В современной Сибири при желании тоже можно отыскать людей, чья жизнь протекает вне всякого взаимодействия с государством, — правда, оказались они в таком положении не по собственной воле. Речь идет об огромном пространстве «протяженностью до полутора тысяч километров вдоль реки Лены и ее притоков», где в полузаброшенных деревнях продолжают жить люди, хотя государство давно закрыло на эту жизнь глаза и самоустранилось от их поддержки.
В ходе нескольких экспедиций социальные антропологи Бляхер, Григоричев и Ковалевский исследовали эти поселения, разделяемые десятками километров тайги. Экспедиции по понятным причинам проходили в летнее время: в межсезонье, когда все дороги разбиты, а река Лена (единственная в этой местности полноценная транспортная магистраль) недоступна для судоходства, добраться до этих мест можно только на вездеходе либо на вертолете. Между тем живущие здесь люди продолжают чем-то питаться, у них есть спутниковые антенны и моторные лодки, хотя бензин вроде бы стоит денег, а никакой работы в окрестностях по определению нет. В попытке ответить на вопросы, как все это вообще возможно, Бляхер, Григоричев и Ковалевский и написали книгу «Жизнь в пустоте».
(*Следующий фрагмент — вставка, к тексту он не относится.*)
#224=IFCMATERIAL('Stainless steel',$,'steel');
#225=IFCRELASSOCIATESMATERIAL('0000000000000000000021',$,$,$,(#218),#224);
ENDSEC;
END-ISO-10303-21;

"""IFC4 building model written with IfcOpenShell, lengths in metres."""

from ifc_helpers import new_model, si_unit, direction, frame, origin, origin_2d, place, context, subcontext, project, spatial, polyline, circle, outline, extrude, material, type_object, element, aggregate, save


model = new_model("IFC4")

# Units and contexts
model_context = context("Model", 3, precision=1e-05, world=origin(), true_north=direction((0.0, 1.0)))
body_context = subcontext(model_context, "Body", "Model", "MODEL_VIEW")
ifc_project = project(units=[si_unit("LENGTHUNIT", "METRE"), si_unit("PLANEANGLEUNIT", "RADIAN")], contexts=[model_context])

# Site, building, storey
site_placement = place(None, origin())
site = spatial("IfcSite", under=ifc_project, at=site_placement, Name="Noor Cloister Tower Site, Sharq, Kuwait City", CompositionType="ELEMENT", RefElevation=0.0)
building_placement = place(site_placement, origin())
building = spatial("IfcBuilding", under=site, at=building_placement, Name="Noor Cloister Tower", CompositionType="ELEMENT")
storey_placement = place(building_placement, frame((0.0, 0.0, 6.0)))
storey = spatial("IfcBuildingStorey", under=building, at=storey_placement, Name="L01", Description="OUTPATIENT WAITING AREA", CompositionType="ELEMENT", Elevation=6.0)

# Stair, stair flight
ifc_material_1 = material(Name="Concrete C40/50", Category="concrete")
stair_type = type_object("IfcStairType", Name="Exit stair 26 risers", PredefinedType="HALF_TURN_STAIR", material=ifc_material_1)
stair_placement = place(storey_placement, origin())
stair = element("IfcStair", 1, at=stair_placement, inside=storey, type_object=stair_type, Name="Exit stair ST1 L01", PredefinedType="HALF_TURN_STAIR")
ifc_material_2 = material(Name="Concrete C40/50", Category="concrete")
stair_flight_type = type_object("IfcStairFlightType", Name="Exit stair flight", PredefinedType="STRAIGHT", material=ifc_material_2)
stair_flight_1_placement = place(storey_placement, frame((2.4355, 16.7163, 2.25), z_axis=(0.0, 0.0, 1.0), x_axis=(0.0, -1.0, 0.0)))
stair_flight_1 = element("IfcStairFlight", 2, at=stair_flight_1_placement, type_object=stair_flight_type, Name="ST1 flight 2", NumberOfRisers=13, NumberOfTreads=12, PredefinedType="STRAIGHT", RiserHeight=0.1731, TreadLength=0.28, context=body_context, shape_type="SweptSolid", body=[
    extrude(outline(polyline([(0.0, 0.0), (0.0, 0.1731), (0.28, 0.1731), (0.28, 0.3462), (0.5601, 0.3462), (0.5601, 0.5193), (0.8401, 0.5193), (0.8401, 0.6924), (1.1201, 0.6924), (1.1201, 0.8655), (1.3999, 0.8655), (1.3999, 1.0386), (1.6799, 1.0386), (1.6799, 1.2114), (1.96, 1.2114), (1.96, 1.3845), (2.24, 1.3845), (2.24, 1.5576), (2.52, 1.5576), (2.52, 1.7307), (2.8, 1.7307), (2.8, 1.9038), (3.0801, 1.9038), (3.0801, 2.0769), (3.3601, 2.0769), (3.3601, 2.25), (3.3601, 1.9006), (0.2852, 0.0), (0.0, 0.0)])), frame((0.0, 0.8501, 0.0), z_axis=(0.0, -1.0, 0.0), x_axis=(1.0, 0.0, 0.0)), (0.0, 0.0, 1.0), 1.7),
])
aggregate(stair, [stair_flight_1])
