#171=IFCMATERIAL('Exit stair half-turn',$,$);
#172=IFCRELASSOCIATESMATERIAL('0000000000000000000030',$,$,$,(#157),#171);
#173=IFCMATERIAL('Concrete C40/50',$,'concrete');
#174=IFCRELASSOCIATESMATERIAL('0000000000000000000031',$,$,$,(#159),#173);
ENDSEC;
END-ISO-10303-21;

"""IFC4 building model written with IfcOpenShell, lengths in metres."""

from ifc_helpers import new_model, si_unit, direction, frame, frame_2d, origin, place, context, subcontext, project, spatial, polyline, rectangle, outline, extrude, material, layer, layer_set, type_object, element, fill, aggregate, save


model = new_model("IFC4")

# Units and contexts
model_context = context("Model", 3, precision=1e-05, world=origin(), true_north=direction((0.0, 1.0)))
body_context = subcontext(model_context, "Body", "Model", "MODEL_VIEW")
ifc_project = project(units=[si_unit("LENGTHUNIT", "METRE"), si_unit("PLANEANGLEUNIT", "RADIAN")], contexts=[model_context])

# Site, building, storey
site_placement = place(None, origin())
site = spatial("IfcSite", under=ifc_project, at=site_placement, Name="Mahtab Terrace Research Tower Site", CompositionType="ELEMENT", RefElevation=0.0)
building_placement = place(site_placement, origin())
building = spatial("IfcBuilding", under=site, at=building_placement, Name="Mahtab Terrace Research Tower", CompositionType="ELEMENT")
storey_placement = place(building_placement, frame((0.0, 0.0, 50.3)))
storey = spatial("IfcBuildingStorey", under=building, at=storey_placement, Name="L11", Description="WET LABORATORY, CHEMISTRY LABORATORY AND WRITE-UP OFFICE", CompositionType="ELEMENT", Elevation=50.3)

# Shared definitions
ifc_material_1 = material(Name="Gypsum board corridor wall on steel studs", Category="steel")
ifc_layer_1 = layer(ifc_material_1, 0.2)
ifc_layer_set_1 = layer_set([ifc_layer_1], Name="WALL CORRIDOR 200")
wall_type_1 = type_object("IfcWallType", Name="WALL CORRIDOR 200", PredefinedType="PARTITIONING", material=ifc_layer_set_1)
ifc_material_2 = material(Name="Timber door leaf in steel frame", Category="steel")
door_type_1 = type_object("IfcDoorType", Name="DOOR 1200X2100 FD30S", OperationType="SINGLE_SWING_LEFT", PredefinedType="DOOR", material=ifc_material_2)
Они осмысляют исследованное ими пространство как фронтир; обратите внимание, именно «фронтир», а не, например, приграничье. Граница разделяет два субъекта, фронтир же отделяет наполненное пространство от пустоты. Чистую социальную пустоту — территорию, которую полностью покинули люди, и из социального пространства она сделалась географическим — отыскать тяжело. Куда чаще речь идет о распаде одних социальных конфигураций при сохранении других: например, политические отношения исчезли, но сохранились хозяйственные. Итак, под термином «пустое социальное пространство» Бляхер, Григоричев и Ковалевский предлагают понимать «социальное пространство, по тем или иным причинам ускользающее от взгляда государства и любого стороннего наблюдателя». Именно такое пространство они и обнаружили в окрестностях Лены.
Когда-то бескрайние эти пространства колонизировала царская, а затем и советская власть, но впоследствии с властью той что-то случилось, и область ее воздействия начала сжиматься словно шагреневая кожа, а на территории, совсем недавно отвоеванные у нее человеком, вернулась тайга. Для государства территории, которые оно называет «межселенными», представляют собой «слепое пятно»: оно само сократило структуры муниципальной власти, занятые ведением статистики, а если статистика не ведется, то с официальной точки зрения ничего и не происходит.
На деле же в условиях «русского фронтира» сталкиваются между собой интересы нескольких типов социальных акторов. Сотрудники, например, «Газпрома» и других корпораций, занятых разработкой месторождений, закончат вахту и уедут, но до тех пор, вполне вероятно, успеют вступить в социальные интеракции с теми, кто живет тут постоянно, и приобщиться к их сомнительной легальности промыслам. Куда прочнее утвердился на земле «таежный барон» со своими людьми. Этот локальный феодал пришел в Киренский район Иркутской области в середине 2010-х годов и, по сути, монополизировал освоение природы, так что большинство судов, дорог, стад, земельных участков и предприятий принадлежат теперь одному человеку — словно маркизу Карабасу в известной сказке. На землях барона чаще всего можно встретить женщин, поскольку он нанимает на работу заключенных, освободившихся из женских колоний Красноярского края. Наконец, есть просто «местные»: те, кто родился и вырос «в пустоте» и теперь продолжает жить там постоянно или хотя бы возвращается на лето. Авторы называют их «людьми Реки», поскольку выживание этих людей всецело зависит от Лены.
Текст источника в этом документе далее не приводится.